I smell the fall air when I'm having a cigarette, and immediately all the emotions I used to feel on the brink of a new semester hit me. I was incredibly anxious, but the weather during the fall months always made me feel inexplicably happy...so, while my anxiety was heavy, I was so much more social, vocal, even free. These days, it equally makes me miss things. I can never adequately explain the effect this time of year has on me. I feel the cool air, and smell those inexplicably fall smells, and it's like I'm transformed. It's just more bittersweet now, because the transformation feels incomplete without all those people around me and all the beautiful late nights. I feel an incomplete happiness and an incomplete peace.
It still just feels so odd, and it's so strong and pervasive.
I still have friends. It's just different from being a member of a relatively large, relatively definite group. Maybe that's part of it. I'm trying to sort through my explanations to find the most accurate one. This one seems to fit. I miss the group, with all the various characters, like a complete sitcom cast.
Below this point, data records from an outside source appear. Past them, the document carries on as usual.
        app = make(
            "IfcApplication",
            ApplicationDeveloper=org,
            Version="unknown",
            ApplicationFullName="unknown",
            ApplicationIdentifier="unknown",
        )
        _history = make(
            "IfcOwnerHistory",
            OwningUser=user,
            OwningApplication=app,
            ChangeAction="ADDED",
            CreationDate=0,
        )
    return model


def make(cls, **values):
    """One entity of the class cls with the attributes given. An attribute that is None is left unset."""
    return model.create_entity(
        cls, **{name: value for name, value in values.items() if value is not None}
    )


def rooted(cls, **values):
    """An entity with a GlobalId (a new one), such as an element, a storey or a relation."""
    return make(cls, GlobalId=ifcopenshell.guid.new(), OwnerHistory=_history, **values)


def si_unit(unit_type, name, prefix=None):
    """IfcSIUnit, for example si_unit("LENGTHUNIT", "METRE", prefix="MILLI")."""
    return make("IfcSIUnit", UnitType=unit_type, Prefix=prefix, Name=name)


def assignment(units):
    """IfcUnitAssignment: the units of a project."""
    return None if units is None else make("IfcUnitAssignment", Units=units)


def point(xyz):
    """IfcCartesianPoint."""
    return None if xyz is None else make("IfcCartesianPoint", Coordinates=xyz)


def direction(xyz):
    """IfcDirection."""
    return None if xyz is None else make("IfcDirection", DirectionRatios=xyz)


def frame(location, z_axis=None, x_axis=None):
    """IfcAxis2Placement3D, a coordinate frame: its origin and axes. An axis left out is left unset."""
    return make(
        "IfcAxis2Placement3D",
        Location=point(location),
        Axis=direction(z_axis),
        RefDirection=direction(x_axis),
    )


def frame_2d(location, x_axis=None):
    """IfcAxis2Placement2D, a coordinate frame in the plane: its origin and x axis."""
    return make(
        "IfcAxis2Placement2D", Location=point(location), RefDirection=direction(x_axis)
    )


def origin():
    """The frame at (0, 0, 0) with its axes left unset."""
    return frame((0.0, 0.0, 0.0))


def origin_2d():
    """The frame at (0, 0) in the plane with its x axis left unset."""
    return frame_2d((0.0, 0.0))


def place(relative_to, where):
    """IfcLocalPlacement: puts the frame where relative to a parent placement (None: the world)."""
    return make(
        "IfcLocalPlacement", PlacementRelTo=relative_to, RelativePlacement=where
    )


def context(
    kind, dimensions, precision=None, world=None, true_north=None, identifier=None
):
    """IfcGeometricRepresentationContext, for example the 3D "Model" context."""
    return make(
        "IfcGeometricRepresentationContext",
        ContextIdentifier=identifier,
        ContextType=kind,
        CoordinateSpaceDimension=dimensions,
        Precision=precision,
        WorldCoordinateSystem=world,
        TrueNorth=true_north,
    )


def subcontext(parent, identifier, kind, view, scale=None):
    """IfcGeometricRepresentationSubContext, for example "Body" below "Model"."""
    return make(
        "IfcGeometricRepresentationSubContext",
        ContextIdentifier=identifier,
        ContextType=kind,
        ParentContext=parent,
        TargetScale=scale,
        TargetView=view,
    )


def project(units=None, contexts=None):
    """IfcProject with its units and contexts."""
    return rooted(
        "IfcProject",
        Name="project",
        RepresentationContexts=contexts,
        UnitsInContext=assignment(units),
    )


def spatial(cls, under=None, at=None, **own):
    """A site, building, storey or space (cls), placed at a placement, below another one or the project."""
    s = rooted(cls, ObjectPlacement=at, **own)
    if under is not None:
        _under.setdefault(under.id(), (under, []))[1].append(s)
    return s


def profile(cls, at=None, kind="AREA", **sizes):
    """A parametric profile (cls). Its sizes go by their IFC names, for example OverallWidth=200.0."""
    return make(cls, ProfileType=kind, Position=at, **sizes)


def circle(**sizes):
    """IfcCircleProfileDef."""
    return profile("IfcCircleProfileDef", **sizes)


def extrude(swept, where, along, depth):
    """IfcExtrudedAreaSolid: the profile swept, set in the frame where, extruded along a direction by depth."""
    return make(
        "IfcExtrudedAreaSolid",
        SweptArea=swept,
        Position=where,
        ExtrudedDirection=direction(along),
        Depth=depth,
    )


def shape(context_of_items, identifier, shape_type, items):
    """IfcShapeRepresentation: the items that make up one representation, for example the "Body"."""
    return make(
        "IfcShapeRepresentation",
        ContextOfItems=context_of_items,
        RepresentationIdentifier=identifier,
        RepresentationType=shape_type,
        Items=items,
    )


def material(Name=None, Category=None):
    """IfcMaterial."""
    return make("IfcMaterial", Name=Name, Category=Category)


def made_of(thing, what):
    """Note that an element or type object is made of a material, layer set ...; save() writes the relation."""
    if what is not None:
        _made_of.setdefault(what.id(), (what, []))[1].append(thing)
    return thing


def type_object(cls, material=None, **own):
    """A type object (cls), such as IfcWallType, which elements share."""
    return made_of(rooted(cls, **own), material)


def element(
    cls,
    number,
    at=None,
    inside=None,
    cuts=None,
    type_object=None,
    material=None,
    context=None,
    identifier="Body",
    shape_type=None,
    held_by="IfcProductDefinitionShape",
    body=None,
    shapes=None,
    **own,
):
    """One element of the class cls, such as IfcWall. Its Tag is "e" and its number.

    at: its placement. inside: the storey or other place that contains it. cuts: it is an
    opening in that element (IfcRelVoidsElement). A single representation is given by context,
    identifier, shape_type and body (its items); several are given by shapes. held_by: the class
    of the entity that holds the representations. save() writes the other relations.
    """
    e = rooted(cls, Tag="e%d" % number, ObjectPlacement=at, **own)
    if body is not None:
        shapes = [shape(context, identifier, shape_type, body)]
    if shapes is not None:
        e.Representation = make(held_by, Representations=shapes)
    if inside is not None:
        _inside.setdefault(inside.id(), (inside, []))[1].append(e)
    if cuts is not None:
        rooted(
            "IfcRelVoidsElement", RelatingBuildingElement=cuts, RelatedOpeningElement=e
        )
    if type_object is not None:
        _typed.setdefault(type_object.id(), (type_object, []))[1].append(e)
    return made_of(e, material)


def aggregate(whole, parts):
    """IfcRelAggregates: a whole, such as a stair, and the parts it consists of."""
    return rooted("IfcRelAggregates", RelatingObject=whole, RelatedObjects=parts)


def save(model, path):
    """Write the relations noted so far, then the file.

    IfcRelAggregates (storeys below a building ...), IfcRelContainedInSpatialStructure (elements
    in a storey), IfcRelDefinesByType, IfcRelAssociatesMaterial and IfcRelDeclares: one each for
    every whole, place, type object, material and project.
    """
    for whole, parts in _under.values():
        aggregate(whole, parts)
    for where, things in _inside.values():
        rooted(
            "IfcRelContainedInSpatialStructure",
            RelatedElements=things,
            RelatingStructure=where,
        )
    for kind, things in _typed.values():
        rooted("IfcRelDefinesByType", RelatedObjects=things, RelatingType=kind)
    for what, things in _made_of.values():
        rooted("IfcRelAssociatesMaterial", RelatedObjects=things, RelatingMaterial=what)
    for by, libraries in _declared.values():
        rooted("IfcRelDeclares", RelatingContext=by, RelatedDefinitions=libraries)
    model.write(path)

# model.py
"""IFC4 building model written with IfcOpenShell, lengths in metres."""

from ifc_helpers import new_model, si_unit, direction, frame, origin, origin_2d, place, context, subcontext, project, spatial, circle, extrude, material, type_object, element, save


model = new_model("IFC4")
This is normal. People grow and move -- on, up, over, elsewhere. I have. I've just always had trouble letting go of established things, comfortable things...and while I have progressed, I've also been a more stagnant one, emotionally. All I've ever really invested in were social groups and friendships, but I've still always inadvertently [and unfortunately] kept a bit of distance. I've become a lot more forthright and candid, but sometimes I get that way randomly and abruptly, I think because I socialize so rarely these days. I think it makes people uncomfortable a lot of the time. It's always been a struggle for me to find a balance between extreme distance and extreme closeness. Before college, it was pretty much always distance for me. I could have used more practice with the other end of the spectrum back then.
Again, I've rambled. Sometimes it's easier for me to sort out these thoughts when I do this.